Charlotte Spencer as Charlotte Appleby

“It’s a bit spooky. A bit weird,” agrees series co-creator and writer Ashley Pharoah, better known for the supernatural Life on Mars and Ashes to Ashes. “There’s been a lot of those things happening. The scariest one was the telephone one.” 

A telephone? What makes a telephone scary?

“Quite recently we were filming and we could hear a telephone ring and we were saying ‘God, that’s really odd’,” Eliza explains. “Like old fashioned telephone rings. Why is the phone ringing?

“We went down to talk to the National Trust and they said the phones had been been cut off for years, and we said we have heard that twice yesterday.”

Hmmm. That one’s pretty tenuous, I think, suddenly feeling more secure in my non-supernatural world. Lots of people have that “classic phone” as their ringtone, and we’re not usually calling in the Ghostbusters every time they get a PPI call. 

I check the time again on my own (non-novelty ringtoned phone). Despite being on 70 per cent charge 10 minutes ago, it’s gone dark. Stone dead.

And now Eliza has remembered something else.

“The next moment we were filming again and somebody said, ‘Oh, there’s somebody in there, can you move out of the way’” she recalls, “and then we went in and there was nobody there.

“We all looked and played back and it really looked like somebody had been there.”

Filming at Horton Court in Somerset

Keen to leave the dark church and the deep shadows that lie in its corners, we later get the chance to wonder around the house and grounds where filming takes place.

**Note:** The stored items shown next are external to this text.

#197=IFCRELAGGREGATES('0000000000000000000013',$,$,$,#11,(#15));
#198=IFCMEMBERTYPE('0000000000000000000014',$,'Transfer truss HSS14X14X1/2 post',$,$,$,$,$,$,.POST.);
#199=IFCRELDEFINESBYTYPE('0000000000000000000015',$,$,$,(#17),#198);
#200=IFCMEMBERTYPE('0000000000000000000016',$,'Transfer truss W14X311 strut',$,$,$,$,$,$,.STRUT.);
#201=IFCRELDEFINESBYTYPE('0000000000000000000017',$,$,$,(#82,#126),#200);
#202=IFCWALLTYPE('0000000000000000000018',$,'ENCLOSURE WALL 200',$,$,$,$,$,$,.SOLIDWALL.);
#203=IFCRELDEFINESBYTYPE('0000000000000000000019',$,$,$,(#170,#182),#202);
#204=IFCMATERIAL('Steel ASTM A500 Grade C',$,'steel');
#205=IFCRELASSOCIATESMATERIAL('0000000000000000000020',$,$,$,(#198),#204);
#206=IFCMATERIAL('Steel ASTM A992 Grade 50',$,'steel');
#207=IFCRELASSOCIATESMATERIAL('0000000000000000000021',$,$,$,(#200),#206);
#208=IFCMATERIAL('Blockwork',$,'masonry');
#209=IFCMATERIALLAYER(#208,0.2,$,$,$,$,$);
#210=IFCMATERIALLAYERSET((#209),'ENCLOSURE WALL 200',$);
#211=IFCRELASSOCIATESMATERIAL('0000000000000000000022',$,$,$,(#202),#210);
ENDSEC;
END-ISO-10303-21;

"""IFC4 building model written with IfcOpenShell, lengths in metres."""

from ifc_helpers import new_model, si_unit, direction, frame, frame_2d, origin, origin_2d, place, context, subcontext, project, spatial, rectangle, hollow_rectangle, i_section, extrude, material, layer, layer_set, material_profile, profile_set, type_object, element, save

The wooden, authentically Victorian interiors have a gloomy atmosphere that would make anyone find things a bit spooky, let alone if you already had your mind filled with ghostly ideas for the series.

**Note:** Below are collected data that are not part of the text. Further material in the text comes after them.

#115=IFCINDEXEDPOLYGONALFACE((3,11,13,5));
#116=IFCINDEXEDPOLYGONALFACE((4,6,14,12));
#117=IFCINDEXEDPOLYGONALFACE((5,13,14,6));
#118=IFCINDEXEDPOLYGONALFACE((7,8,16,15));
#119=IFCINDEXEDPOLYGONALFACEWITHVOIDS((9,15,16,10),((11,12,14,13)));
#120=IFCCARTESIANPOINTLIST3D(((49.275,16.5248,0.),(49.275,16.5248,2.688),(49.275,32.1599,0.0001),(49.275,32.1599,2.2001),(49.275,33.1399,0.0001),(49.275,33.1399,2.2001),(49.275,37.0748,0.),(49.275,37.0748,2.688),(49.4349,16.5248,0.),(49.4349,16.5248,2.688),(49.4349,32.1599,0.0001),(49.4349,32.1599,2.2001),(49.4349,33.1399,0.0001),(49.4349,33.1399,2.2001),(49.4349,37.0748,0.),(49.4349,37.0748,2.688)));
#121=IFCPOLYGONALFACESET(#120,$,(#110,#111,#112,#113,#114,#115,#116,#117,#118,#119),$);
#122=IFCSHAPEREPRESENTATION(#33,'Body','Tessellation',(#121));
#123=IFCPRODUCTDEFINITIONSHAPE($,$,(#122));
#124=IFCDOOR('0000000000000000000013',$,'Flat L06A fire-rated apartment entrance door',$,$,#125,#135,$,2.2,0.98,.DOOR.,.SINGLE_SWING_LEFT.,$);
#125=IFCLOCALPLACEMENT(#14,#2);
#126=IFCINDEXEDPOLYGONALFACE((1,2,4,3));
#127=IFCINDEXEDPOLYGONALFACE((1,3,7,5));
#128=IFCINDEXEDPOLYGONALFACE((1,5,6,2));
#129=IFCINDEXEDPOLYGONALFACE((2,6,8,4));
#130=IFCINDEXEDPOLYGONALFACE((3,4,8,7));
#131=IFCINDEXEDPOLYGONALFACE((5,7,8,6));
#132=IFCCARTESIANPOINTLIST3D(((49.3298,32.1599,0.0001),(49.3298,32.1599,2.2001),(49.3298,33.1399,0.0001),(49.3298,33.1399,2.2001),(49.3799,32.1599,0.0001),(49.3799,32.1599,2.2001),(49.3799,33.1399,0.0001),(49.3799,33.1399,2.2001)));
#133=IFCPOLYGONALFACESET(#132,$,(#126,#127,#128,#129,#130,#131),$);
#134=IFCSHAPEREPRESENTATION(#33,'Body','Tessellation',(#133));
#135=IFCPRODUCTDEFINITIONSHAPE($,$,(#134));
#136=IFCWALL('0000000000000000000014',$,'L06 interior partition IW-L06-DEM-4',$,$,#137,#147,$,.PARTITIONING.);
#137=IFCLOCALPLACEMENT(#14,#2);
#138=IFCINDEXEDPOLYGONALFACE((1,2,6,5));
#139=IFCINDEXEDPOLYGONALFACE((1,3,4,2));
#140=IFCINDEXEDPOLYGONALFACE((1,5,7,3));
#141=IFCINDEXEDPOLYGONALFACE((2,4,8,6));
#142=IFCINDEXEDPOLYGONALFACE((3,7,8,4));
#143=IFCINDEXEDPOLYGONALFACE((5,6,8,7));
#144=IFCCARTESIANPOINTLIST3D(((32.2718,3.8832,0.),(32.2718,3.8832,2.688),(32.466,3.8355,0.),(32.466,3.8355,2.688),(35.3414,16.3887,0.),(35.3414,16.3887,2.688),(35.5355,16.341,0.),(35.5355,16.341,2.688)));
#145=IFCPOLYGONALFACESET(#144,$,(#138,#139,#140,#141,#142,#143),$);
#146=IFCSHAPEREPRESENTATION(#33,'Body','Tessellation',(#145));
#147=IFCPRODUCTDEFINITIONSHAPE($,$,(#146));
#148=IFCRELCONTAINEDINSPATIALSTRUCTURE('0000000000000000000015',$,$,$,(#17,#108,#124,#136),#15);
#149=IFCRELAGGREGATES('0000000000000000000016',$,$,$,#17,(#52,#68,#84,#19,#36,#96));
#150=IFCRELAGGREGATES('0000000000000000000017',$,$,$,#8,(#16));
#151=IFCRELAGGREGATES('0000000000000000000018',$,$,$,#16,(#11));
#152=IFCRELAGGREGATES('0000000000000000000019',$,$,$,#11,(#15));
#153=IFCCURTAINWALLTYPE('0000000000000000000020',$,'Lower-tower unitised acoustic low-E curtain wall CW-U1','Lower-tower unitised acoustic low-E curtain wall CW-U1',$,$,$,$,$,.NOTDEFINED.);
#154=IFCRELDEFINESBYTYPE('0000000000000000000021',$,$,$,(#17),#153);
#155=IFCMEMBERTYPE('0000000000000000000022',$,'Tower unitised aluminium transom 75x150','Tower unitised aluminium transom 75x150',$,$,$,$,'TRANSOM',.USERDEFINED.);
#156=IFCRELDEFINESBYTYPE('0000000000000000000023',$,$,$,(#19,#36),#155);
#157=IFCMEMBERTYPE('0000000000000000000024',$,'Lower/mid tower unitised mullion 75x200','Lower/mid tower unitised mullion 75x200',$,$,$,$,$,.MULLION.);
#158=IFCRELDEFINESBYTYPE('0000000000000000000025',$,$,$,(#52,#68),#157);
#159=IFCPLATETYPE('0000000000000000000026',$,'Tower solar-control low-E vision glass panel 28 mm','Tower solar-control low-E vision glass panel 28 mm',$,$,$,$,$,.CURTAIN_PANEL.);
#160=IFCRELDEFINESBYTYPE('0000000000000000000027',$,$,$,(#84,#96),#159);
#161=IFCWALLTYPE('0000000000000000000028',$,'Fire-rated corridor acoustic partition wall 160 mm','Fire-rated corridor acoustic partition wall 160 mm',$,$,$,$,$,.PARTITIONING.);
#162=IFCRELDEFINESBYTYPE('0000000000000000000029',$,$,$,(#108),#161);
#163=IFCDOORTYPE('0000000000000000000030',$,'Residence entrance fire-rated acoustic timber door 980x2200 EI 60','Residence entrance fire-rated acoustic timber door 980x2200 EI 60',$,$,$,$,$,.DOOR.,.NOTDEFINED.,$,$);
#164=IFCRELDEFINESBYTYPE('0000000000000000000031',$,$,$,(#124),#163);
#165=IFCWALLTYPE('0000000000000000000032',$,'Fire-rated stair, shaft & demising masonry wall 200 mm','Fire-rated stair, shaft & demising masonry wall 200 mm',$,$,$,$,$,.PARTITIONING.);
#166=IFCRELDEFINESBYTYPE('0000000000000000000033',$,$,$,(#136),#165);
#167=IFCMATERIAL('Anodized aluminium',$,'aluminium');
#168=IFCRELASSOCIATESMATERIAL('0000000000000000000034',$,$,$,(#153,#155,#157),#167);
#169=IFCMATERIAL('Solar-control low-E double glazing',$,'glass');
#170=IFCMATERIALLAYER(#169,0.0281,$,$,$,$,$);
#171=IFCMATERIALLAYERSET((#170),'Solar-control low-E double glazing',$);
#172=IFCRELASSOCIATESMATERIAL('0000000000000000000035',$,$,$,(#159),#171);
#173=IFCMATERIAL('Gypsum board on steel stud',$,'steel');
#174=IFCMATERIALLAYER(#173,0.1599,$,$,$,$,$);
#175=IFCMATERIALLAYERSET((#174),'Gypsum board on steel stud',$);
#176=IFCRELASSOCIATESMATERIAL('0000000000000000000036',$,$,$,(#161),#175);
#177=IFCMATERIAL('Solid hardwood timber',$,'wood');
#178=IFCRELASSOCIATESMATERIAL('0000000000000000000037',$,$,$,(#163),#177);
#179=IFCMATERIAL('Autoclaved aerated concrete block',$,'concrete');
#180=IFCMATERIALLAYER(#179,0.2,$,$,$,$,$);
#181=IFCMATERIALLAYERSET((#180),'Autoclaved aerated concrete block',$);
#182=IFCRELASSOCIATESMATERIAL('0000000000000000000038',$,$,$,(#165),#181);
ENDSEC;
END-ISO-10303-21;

Unlike Morgan and Spencer’s characters in the series (who genuinely do seem to attract some nasty supernatural forces as they try to mechanise their farm), there’s no need for anyone to be scared, though the room filled with dusty old children’s toys (below) isn’t helping my nerves.

But then again maybe I’m denying my own nature – because Ashley Pharoah is pretty convinced that we all like being a little frightened from time to time.

“I think everyone’s on the same journey as an ending,” he tells us. “Everybody is interested in what the next great adventure is and I think people like to be scared.

“It’s a really ancient need to sit around a fire and tell ghost stories.”

He's expressing an apt sentiment for someone promoting an atmospheric supernatural drama, and it's a nice line to round off the day. I can see that.

But my phone’s still dead, and I’ve checked with the other journalists. Two other phones have also blacked out, and the others have lost signal. And as noted, all the phone lines in the house were cut years ago. Frankly, I’m quite happy to not hear any more ghost stories today.

“I don’t get a bad feeling in this house,” Spencer says. “I wouldn’t dismiss it or say, ‘Yes there definitely is something,’ but I don’t get a bad feeling.

“It’s more that they’re interested. I wouldn’t spend a night in there by myself. There would have to be a big group of people.”

Obviously I don’t believe in ghosts. I don’t think spirits can pass over from the other side, I don’t think there are people who can communicate with the dead and I certainly don’t think it’s likely that a TV series all about ghosts would just happen to pitch up at one of the rare places haunted by them.

But right now all I can think about is how lame a ghost story I’d end up a part of if I was killed on a set visit because my iPhone ran out of charge in the West Country, and how much warmer and un-haunted my modern flat back in London will feel when I get back tonight.

Let’s just say that from hereon out I’m very happy to keep my ghost stories on my TV screen.